NewStar CTF2024 Week1~Week3WEB WP
Week1
PangBai 过家家(1)
level1提示我们要去看header,直接bp抓包
直接访问Location的地址来到level2
来到level3
来到level4
UA头改成 Papa/1.0(一开始我也是看了wp才知道要加/1.0)
https://developer.mozilla.org/en-US/docs/Web/HTTP/Headers/User-Agent
来到level5
由于302跳转变成了GET请求 再使用POST传一次
网上试了很多种都无法成功 尝试使用脚本
import requests
# 发送请求
url = "http://127.0.0.1:50908/?ask=miao"
headers = {
"User-Agent": "Papa/5.0 (Windows NT 10.0; Win64; x64; rv:133.0) Gecko/20100101 Firefox/133.0",
"Cookie": "token=eyJhbGciOiJIUzI1NiIsInR5cCI6IkpXVCJ9.eyJsZXZlbCI6NX0.GjgLX_gHD2BDWUC06Mf2WrtfaasNAR8pa8ODphoATK8",
}
# 读取要上传的文件
files = {
"file": ("patch.zip", open("C:\\Users\\26387\\Desktop\\wangannote\\ctf\\ctf 做题记录\\NewStar CTF2024\\patch.zip", "rb"), "application/zip"),
"say": (None, "玛卡巴卡阿卡哇卡米卡玛卡呣")
}
# 发送 PATCH 请求
response = requests.patch(url, headers=headers, files=files)
# 检查响应内容
print(response.text)
拿到token传进去
XFF添加127.0.0.1
其中提到了JWT和y6IlTHorio7ICE82,这个数字和字母组成内容推测应该是JWT的密钥。
尝试伪造后面关卡,发现没有。同时也证明了JWT 加密的 key 确实为y6IlTHorio7ICE82
虽然没有后面关卡,但有level0
(据说是彩蛋!)
过一遍剧情获得flag
flag{231b8512-187d-88e0-124d-ea39ee02128c}
智械危机
根据题目直接读取/robots.txt
访问/backd0or.php
得到php代码
<?php
function execute_cmd($cmd) {
system($cmd);
}
function decrypt_request($cmd, $key) {
$decoded_key = base64_decode($key);
$reversed_cmd = '';
for ($i = strlen($cmd) - 1; $i >= 0; $i--) {
$reversed_cmd .= $cmd[$i];
}
$hashed_reversed_cmd = md5($reversed_cmd);
if ($hashed_reversed_cmd !== $decoded_key) {
die("Invalid key");
}
$decrypted_cmd = base64_decode($cmd);
return $decrypted_cmd;
}
if (isset($_POST['cmd']) && isset($_POST['key'])) {
execute_cmd(decrypt_request($_POST['cmd'],$_POST['key']));
}
else {
highlight_file(__FILE__);
}
?>
直接跑脚本
import base64
import hashlib
def get_cmd_and_key(decrypted_cmd):
"""
根据已知的解密后的命令(假设是经过原加密逻辑处理后的结果),尝试反推原始的命令(cmd)和密钥(key)。
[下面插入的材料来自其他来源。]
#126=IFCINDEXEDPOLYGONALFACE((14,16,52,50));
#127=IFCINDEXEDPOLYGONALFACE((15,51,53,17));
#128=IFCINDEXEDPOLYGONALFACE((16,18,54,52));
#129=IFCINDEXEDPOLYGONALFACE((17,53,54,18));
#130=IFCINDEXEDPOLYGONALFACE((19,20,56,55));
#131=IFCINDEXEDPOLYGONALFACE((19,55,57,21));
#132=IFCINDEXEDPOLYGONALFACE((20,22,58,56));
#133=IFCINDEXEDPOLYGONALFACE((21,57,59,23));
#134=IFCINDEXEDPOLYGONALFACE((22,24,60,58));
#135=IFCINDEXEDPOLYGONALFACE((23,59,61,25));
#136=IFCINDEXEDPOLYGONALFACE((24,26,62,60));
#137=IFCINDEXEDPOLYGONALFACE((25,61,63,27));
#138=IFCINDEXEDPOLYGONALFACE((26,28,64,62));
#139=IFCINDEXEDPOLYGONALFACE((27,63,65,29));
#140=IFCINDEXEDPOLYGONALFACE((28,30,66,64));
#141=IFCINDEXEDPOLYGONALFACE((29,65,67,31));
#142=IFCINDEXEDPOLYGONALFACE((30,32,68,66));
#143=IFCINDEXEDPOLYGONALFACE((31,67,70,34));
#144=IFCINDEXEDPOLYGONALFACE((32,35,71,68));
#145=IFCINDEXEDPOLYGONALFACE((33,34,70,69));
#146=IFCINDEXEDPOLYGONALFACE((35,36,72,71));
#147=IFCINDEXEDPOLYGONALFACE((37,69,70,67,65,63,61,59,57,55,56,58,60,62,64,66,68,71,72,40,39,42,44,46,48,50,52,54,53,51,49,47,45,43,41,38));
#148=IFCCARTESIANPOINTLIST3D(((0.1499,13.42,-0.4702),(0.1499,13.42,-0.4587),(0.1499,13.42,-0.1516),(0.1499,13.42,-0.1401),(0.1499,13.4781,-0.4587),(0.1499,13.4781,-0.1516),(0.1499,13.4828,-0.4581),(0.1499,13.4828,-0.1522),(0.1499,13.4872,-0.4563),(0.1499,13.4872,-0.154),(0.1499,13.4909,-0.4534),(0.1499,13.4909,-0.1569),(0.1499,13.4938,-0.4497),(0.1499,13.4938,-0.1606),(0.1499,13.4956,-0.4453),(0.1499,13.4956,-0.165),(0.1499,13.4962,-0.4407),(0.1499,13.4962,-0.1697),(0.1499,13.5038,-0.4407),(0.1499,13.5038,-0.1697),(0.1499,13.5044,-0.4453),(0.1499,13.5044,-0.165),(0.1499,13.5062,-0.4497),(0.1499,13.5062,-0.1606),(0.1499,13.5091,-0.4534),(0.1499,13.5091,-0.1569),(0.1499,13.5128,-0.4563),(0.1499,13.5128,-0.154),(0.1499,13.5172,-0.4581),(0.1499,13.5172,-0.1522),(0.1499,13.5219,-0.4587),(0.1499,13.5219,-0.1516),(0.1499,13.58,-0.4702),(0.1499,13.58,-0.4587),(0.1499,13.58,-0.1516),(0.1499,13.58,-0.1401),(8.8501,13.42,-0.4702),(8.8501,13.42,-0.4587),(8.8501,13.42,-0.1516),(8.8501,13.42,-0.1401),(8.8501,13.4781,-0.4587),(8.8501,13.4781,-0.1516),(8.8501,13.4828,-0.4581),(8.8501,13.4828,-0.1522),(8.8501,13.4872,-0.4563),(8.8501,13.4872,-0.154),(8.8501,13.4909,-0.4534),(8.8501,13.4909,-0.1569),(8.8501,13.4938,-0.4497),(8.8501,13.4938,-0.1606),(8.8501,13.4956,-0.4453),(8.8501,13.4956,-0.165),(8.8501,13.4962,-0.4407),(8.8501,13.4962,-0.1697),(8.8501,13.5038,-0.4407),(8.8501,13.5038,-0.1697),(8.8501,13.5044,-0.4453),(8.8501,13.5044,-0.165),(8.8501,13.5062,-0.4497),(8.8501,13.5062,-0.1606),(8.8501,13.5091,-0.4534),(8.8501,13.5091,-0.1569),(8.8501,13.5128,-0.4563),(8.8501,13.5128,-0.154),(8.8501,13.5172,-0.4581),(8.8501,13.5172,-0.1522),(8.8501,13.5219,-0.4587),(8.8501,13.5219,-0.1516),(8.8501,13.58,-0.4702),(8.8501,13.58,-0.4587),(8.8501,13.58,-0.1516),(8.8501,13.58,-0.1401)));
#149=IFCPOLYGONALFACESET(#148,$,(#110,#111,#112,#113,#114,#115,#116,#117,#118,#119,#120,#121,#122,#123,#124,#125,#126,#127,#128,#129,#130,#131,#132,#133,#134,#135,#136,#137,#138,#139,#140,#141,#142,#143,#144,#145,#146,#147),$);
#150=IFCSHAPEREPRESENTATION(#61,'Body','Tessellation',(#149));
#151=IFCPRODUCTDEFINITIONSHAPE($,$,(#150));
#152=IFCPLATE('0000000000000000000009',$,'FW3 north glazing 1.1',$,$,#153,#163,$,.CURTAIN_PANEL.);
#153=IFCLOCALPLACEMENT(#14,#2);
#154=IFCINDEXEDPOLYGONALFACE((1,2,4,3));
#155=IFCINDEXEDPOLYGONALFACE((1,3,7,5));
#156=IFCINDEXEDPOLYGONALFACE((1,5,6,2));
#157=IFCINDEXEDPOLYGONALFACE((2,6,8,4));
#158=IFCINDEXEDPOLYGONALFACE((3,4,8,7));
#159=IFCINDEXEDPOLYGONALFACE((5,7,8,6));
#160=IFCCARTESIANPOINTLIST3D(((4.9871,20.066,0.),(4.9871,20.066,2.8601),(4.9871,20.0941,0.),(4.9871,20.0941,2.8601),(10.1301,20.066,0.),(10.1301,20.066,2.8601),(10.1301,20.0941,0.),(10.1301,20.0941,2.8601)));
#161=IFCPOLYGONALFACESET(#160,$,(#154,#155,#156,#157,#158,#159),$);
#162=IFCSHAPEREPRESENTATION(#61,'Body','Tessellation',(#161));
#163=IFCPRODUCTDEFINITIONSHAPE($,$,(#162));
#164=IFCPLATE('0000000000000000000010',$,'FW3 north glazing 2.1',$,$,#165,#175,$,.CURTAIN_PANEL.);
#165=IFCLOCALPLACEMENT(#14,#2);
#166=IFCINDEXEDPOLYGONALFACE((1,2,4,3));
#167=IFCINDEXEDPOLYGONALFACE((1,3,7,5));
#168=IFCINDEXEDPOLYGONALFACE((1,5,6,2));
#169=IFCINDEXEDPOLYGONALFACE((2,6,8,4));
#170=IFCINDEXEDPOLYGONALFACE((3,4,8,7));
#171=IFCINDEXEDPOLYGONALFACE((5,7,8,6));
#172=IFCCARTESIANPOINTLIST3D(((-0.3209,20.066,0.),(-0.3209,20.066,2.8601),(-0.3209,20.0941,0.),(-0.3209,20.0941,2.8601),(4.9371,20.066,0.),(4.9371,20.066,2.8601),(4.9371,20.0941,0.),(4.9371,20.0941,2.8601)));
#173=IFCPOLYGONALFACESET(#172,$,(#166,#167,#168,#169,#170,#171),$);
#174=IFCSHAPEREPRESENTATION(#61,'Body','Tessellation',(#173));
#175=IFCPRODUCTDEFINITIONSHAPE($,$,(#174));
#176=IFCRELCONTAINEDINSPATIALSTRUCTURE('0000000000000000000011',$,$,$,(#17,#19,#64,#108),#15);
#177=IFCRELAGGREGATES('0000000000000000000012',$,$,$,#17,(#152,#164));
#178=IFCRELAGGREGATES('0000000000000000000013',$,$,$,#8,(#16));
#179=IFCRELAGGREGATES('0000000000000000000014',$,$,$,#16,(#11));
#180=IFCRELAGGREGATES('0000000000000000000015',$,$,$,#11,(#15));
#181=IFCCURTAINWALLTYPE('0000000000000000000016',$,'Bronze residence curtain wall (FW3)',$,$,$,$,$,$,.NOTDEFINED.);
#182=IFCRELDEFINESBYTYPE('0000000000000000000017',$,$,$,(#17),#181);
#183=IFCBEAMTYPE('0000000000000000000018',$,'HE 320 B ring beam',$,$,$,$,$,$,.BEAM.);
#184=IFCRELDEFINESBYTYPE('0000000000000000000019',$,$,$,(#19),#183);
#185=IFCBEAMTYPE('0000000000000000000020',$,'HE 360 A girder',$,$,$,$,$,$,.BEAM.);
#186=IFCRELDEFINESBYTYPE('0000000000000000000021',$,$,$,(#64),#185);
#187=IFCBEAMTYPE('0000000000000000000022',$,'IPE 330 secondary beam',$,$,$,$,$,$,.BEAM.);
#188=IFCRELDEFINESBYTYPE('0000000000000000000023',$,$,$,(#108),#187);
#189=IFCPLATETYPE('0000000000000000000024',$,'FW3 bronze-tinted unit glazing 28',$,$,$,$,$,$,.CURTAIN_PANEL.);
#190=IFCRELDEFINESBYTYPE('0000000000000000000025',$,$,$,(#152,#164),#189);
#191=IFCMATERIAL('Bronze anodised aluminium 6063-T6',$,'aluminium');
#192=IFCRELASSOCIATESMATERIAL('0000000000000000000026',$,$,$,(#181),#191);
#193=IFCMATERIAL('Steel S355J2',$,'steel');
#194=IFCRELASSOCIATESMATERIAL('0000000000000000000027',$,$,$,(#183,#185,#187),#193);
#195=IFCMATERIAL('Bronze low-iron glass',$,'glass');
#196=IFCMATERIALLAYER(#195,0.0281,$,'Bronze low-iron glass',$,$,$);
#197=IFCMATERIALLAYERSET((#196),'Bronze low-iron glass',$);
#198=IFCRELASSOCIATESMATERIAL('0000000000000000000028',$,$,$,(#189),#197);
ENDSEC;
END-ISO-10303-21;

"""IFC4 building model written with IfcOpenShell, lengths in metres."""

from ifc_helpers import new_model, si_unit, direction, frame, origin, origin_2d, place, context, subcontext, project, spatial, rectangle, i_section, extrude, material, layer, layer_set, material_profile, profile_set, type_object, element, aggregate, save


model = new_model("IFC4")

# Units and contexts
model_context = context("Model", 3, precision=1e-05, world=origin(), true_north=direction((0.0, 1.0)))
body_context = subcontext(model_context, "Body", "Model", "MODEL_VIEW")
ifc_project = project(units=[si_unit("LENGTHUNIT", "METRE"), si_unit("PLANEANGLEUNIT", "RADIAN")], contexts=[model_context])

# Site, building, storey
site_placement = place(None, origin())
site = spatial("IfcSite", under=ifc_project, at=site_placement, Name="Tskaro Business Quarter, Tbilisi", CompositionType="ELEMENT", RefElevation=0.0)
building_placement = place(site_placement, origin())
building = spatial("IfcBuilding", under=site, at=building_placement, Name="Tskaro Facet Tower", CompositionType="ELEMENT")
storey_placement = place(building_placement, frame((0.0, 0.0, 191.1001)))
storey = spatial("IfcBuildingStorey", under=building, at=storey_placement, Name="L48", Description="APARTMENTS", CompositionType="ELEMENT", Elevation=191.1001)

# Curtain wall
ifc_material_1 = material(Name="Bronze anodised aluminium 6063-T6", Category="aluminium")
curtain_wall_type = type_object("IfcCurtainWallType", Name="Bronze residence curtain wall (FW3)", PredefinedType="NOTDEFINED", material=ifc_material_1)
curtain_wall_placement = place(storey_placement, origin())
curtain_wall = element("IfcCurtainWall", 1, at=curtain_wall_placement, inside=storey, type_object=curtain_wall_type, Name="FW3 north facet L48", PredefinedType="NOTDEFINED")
返回一个包含cmd和key的元组,如果推导过程出现问题(比如无法正确还原等)可能会抛出异常。
"""
# 先将解密后的命令进行Base64编码,得到原始加密前的命令可能的值(假设之前就是先Base64编码后再做其他处理的)
encoded_cmd = base64.b64encode(decrypted_cmd)
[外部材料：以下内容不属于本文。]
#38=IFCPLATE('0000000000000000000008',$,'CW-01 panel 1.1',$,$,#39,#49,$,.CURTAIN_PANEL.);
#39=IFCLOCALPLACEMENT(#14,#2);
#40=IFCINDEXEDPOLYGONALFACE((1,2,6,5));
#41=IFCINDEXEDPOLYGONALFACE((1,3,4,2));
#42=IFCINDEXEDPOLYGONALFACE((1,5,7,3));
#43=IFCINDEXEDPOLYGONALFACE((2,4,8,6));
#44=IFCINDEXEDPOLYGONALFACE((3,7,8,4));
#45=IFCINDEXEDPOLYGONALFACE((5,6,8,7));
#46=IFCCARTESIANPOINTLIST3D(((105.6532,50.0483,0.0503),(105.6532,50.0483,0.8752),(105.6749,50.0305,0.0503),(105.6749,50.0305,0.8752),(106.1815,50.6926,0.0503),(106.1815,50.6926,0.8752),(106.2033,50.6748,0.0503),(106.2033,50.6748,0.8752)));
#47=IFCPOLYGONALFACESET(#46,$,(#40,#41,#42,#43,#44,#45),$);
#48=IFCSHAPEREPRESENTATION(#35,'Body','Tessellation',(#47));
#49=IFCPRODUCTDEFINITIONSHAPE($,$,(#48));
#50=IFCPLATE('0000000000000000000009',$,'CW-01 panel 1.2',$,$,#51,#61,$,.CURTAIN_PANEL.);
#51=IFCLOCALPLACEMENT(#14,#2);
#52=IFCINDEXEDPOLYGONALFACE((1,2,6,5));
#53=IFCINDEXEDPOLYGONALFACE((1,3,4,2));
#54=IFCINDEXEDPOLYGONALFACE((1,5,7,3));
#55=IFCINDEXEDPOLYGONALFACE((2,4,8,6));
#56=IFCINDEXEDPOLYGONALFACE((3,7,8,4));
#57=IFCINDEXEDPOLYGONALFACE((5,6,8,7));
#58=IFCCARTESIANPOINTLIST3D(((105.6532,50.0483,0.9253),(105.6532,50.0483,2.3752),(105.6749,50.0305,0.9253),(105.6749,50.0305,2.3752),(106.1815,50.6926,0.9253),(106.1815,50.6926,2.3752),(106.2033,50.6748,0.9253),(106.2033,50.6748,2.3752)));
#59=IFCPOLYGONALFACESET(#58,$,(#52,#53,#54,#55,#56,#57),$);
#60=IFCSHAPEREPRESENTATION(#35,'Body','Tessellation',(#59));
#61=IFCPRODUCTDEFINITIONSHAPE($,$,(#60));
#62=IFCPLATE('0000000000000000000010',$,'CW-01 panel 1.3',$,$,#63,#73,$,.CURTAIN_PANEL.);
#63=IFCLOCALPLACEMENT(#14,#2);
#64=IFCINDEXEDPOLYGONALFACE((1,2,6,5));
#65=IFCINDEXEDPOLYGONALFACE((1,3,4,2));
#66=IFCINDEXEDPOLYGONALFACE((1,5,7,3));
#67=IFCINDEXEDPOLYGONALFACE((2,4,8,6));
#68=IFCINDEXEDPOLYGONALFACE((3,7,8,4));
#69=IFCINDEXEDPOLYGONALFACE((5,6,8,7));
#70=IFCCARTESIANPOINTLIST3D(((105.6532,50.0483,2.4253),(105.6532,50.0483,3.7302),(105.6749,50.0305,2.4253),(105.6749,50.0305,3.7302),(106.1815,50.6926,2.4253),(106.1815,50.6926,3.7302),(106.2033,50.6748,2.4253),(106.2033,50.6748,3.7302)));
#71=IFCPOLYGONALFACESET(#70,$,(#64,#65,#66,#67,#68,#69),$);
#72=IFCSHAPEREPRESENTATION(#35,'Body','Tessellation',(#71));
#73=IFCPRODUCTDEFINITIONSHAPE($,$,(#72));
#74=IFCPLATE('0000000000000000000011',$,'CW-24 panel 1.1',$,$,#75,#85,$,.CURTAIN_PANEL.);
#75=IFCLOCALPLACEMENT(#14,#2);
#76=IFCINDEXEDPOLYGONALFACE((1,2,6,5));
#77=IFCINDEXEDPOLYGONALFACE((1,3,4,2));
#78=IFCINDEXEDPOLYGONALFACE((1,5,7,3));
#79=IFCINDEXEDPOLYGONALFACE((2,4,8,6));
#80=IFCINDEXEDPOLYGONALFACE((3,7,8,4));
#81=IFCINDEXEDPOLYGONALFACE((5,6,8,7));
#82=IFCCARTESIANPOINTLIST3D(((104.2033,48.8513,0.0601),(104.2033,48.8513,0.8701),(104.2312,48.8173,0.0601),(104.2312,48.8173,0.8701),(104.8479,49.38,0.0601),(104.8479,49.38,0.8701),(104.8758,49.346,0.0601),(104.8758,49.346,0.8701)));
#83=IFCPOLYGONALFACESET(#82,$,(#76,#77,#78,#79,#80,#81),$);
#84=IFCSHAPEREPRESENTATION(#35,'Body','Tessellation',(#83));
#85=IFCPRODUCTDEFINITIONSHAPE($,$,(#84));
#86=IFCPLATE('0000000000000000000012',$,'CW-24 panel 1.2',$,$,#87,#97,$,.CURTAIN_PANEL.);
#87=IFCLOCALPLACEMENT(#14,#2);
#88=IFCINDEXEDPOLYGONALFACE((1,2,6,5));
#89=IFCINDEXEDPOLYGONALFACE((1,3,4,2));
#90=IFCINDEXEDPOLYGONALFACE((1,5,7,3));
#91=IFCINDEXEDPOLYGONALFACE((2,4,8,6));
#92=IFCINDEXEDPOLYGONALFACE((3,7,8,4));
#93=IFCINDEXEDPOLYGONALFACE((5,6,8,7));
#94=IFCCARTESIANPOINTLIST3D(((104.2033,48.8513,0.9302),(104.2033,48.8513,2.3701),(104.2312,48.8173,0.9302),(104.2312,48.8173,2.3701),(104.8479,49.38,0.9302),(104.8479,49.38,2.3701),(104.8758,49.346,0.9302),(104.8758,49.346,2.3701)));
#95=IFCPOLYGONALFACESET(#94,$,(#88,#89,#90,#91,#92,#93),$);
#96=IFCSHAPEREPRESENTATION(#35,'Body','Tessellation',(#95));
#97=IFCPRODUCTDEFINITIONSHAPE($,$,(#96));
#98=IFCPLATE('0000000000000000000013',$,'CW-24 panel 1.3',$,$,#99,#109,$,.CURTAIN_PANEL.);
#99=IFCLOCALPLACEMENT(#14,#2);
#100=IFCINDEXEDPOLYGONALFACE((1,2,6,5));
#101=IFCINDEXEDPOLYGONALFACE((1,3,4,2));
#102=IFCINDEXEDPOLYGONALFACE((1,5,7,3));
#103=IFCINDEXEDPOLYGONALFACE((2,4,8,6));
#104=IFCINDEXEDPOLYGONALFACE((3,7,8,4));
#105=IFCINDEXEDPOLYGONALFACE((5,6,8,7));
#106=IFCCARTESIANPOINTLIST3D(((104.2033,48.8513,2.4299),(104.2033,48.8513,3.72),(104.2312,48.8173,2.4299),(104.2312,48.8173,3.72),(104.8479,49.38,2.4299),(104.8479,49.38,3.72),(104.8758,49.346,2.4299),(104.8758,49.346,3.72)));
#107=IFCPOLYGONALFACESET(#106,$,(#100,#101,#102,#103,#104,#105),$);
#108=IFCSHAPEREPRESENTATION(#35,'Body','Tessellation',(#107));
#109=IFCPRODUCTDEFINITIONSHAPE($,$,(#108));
encoded_cmd_str = encoded_cmd.decode('utf-8')
# 对编码后的命令进行反转,因为之前加密逻辑中对命令反转后计算MD5作为密钥对比的一部分
reversed_encoded_cmd = encoded_cmd_str[::-1]
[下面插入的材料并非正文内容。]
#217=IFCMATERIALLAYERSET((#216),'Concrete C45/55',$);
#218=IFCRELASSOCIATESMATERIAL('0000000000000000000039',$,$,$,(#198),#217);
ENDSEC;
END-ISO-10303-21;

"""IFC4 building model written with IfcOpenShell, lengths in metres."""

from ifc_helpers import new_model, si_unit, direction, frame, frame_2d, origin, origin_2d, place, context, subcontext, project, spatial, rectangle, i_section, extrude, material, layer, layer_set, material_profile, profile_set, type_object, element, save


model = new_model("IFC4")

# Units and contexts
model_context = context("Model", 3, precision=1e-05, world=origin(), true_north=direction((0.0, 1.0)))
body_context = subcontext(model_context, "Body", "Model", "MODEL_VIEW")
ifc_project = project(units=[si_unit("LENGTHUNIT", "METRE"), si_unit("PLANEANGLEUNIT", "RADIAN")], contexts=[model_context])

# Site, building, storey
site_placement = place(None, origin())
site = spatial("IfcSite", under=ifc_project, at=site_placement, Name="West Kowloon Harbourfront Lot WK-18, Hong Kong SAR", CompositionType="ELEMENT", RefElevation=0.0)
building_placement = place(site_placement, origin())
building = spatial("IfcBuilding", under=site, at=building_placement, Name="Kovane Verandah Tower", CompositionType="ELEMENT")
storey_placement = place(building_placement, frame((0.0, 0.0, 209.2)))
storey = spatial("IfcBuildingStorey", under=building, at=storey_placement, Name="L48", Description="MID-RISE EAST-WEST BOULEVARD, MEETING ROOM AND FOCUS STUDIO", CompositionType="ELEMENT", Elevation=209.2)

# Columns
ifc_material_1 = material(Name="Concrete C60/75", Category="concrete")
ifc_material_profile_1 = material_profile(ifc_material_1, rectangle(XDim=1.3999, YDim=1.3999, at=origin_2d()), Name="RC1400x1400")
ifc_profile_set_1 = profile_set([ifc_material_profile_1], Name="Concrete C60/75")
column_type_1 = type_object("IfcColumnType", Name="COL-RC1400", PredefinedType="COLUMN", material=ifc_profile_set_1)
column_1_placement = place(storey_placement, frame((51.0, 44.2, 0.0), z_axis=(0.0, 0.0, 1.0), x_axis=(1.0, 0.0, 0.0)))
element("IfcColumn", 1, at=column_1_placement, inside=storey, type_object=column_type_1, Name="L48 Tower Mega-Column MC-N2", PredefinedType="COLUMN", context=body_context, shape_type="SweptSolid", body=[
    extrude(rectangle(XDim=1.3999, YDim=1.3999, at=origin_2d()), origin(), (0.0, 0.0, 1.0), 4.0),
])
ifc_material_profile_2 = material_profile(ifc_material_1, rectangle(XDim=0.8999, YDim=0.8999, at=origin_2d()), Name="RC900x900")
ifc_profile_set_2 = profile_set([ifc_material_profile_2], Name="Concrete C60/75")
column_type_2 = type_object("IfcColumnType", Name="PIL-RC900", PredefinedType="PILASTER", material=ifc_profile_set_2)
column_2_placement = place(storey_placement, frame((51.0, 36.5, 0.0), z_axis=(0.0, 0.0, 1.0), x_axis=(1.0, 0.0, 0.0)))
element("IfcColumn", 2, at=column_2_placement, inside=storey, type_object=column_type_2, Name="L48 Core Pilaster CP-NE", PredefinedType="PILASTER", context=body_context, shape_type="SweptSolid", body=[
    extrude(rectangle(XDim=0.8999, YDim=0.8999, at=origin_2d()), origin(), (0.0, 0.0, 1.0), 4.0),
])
# 计算反转后的命令的MD5哈希值,作为密钥的一部分(这里要注意MD5的单向性等特点,只是基于原逻辑关联来用)
hashed_reversed_encoded_cmd = hashlib.md5(reversed_encoded_cmd.encode()).hexdigest()
key = base64.b64encode(hashed_reversed_encoded_cmd.encode()).decode('utf-8')
# 原始的命令就是最初的编码后的命令(经过前面步骤还原的)
cmd = encoded_cmd_str
return cmd, key
# 假设已经有了已知的解密后的命令
decrypted_cmd = b'cat /flag' # 这里替换为实际的字节类型的解密后内容
cmd, key = get_cmd_and_key(decrypted_cmd)
print(f"推导出来的命令(cmd): {cmd}")
print(f"推导出来的密钥(key): {key}")
flag{aec4ad53-487f-6e07-6653-12dea2586523}
谢谢皮蛋
直接F12看有没有hint
爆出一共有2个字段
-1 union select 1,2
-1 union select 1,database()#爆库名"ctf"
-1 union select 1,group_concat(table_name) from information_schema.tables where table_schema='ctf'#爆表名"Fl4g,hexo"
-1 union select 1,group_concat(column_name) from information_schema.columns where table_name='Fl4g'#爆字段"id,des,value"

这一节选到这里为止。